Esta quinta-feira, Louise Glück tornou-se a 16.ª mulher a ser galardoada com o Prémio Nobel da Literatura. A escritora é a terceira norte-americana a receber o prémio e a primeira poetisa dos Estados Unidos da América a ser laureada. O júri escolheu-a pela “sua inconfundível voz poética, que com austera beleza torna universal a existência individual”. Atualmente a viver em Cambridge, Massachussetts, nos EUA, Louise Glück, de 77 anos, é professora de Língua Inglesa na Universidade de Yale.
Considerada uma das mais importantes poetisas norte-americanas, a importância da sua obra tem sido também fora do seu país natal, mas tem recebido pouca atenção em Portugal, onde nenhum dos seus livros se encontra publicado.
Alguns dos seus poemas têm, no entanto, sido disponibilizados de forma avulsa em antologias e revistas, como aconteceu com “O Poder de Circe” e a terceira parte de “Paisagem”, publicados na antologia Rosa do Mundo. 2001 Poemas Para o Futuro (2001), da Assírio & Alvim, e no número 12 da revista Telhados de Vidro, da editora Averno, respetivamente.

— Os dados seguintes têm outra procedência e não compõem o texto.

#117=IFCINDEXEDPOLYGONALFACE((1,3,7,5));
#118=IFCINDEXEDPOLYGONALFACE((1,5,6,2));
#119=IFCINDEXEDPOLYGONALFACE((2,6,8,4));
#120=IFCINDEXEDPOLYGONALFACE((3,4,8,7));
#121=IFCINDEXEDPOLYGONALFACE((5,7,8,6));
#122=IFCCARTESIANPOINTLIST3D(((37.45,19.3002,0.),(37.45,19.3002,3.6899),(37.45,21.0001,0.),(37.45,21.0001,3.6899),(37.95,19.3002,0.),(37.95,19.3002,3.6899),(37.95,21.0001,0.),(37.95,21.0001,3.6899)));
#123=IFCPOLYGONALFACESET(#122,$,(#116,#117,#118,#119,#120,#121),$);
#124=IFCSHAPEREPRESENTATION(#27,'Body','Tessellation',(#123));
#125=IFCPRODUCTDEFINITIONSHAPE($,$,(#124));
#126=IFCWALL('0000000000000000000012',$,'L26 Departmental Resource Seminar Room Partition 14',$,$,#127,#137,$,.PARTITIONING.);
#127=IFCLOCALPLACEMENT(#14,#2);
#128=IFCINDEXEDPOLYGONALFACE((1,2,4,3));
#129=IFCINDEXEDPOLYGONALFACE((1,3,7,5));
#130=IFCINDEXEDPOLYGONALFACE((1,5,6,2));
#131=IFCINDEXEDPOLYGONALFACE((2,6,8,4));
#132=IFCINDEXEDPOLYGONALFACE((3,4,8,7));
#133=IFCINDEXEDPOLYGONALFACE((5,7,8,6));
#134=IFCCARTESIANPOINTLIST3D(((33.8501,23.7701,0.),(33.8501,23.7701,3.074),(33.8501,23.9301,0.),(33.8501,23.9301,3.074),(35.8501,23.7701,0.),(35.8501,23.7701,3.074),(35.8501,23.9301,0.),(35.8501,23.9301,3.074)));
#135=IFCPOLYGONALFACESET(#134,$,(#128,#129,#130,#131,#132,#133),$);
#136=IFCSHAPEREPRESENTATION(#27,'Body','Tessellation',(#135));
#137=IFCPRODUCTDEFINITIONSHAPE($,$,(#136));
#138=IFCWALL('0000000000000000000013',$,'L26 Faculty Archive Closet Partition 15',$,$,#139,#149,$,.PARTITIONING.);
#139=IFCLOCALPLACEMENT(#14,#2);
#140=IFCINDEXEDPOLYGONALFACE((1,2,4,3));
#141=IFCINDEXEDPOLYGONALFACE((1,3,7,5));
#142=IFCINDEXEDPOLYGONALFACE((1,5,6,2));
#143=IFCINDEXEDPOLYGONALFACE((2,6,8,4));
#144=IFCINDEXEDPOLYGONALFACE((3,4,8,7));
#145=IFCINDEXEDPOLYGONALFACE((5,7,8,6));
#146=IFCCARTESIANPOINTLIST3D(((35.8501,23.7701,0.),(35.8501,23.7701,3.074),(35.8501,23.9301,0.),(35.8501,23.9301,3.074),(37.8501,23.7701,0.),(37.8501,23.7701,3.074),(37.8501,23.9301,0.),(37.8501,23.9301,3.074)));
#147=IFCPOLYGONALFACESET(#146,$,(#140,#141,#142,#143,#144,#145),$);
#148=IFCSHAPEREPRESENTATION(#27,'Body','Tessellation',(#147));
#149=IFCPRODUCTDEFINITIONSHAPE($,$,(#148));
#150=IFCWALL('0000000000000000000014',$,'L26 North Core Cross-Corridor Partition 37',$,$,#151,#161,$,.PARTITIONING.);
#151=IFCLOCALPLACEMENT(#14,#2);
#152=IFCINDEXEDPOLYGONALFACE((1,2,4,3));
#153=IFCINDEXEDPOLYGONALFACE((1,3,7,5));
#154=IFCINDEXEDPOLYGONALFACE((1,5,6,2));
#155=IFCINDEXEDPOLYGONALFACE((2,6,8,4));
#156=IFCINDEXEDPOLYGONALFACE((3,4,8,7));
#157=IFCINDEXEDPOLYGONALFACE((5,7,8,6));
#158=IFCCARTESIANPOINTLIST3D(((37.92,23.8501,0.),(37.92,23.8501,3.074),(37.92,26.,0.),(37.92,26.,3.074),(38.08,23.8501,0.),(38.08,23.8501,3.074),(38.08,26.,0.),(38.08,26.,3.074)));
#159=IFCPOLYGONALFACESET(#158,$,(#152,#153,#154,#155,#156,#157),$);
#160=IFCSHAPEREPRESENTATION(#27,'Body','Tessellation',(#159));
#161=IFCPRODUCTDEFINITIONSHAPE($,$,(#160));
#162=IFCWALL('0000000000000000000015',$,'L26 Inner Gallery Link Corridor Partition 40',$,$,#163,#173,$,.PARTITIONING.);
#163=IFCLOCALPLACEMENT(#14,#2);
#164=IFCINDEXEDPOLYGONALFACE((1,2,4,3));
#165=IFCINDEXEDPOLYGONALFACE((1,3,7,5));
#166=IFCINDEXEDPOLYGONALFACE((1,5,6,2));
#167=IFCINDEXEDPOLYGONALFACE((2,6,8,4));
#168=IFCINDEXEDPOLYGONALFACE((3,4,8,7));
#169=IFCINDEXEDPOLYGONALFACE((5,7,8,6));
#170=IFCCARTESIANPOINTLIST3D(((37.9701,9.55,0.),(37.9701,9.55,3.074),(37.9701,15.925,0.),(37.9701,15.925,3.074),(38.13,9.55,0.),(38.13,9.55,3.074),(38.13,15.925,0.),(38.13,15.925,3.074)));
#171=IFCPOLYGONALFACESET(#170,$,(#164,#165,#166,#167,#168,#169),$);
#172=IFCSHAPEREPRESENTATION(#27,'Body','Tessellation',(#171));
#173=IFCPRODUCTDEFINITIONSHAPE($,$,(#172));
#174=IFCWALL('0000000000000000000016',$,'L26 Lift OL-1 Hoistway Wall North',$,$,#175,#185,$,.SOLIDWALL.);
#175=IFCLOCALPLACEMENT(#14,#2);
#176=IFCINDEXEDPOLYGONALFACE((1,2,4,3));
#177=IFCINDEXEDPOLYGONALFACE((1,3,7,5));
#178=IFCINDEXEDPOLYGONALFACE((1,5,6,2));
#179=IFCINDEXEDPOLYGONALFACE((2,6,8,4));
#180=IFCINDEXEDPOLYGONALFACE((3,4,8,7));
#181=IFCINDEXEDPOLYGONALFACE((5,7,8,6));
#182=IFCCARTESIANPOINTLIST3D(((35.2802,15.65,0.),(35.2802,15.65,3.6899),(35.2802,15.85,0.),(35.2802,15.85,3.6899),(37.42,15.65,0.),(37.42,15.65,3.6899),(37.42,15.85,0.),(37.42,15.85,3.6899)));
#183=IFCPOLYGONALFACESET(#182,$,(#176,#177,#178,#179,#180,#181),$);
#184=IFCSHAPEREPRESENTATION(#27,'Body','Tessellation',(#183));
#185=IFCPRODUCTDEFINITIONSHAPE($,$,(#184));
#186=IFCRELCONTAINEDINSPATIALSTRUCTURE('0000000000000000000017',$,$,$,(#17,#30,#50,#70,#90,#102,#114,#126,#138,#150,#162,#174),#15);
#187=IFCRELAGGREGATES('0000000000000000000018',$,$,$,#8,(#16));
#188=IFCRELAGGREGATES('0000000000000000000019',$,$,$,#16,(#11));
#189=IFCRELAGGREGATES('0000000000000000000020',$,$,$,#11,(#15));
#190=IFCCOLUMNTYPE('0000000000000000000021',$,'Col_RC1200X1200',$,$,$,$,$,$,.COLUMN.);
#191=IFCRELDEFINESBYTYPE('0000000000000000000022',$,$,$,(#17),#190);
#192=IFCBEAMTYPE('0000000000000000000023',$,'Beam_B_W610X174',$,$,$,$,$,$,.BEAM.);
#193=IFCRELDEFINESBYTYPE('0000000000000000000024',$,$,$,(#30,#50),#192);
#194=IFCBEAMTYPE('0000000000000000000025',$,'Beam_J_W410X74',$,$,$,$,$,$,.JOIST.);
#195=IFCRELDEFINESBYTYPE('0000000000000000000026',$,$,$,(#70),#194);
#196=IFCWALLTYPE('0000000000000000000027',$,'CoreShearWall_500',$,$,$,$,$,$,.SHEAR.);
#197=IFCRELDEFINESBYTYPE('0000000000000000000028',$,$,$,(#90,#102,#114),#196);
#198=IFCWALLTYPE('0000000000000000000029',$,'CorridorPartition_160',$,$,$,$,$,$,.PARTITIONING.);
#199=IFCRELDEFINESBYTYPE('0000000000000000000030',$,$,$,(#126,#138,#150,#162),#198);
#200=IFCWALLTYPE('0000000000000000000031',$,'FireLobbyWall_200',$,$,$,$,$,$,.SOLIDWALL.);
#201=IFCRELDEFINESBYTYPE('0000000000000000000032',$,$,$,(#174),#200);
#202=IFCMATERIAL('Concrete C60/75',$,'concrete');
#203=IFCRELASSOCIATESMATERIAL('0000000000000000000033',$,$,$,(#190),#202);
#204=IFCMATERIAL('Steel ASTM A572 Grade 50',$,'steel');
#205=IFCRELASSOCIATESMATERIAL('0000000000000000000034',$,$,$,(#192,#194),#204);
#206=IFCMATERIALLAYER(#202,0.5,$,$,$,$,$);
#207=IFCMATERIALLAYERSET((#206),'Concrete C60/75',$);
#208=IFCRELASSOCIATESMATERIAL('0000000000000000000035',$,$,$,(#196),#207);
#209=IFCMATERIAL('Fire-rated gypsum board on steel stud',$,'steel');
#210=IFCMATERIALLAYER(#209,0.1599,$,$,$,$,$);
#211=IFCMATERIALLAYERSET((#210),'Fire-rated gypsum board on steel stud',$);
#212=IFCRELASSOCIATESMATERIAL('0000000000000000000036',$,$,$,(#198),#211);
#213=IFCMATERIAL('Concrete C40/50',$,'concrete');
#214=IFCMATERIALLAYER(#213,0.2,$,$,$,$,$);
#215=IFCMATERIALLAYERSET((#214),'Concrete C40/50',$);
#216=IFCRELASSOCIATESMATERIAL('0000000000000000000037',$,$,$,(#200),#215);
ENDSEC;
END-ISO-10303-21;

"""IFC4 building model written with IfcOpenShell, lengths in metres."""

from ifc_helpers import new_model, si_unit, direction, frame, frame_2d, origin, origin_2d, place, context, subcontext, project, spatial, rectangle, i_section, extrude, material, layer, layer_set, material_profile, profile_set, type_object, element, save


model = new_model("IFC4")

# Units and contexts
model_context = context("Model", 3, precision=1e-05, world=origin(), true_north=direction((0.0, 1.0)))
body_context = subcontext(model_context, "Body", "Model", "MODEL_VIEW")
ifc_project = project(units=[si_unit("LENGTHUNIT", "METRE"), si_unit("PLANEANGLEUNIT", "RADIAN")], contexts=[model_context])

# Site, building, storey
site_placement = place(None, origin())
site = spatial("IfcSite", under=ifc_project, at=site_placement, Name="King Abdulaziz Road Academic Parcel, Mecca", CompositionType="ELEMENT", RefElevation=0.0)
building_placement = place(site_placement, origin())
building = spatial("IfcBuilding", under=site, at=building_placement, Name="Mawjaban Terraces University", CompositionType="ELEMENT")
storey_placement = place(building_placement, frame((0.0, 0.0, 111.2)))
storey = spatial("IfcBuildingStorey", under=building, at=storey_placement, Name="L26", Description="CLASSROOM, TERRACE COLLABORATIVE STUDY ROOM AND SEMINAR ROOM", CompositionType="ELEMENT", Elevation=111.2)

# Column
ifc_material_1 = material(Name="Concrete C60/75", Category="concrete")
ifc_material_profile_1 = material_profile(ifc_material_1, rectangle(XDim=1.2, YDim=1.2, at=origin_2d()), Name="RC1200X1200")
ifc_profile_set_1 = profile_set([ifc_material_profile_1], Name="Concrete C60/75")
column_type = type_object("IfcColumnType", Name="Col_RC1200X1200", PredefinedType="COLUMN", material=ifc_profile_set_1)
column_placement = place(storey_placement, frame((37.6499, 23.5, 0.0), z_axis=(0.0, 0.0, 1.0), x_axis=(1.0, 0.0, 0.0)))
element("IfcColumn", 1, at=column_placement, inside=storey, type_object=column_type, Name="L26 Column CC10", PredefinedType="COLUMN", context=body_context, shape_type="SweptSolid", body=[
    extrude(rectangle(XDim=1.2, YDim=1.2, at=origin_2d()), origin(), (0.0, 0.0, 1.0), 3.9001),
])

Apresentamos a terceira parte do poema PAISAGEM
Paisagem/3
Nos fins do outono uma rapariga deitou fogo
a um trigal. O outono
fora muito seco; o campo
ardeu como palha.
Depois não sobrou nada.
Se o atravessávamos, não víamos nada.
Nada havia para colher, para cheirar.
Os cavalos não compreendem –
Onde está o campo, parecem dizer.
Como tu ou eu a perguntar
onde está a nossa casa.
Ninguém sabe responder-lhes.
Não sobra nada;
resta-nos esperar, a bem do lavrador,
que o seguro pague.
É como perder um ano de vida.
Em que perderias um ano da tua vida?
Mais tarde regressas ao velho lugar –
só restam cinzas: negrume e vazio.
Pensas: como pude viver aqui?
Mas na altura era diferente,
mesmo no último verão. A terra agia
como se nada de mal pudesse acontecer-lhe.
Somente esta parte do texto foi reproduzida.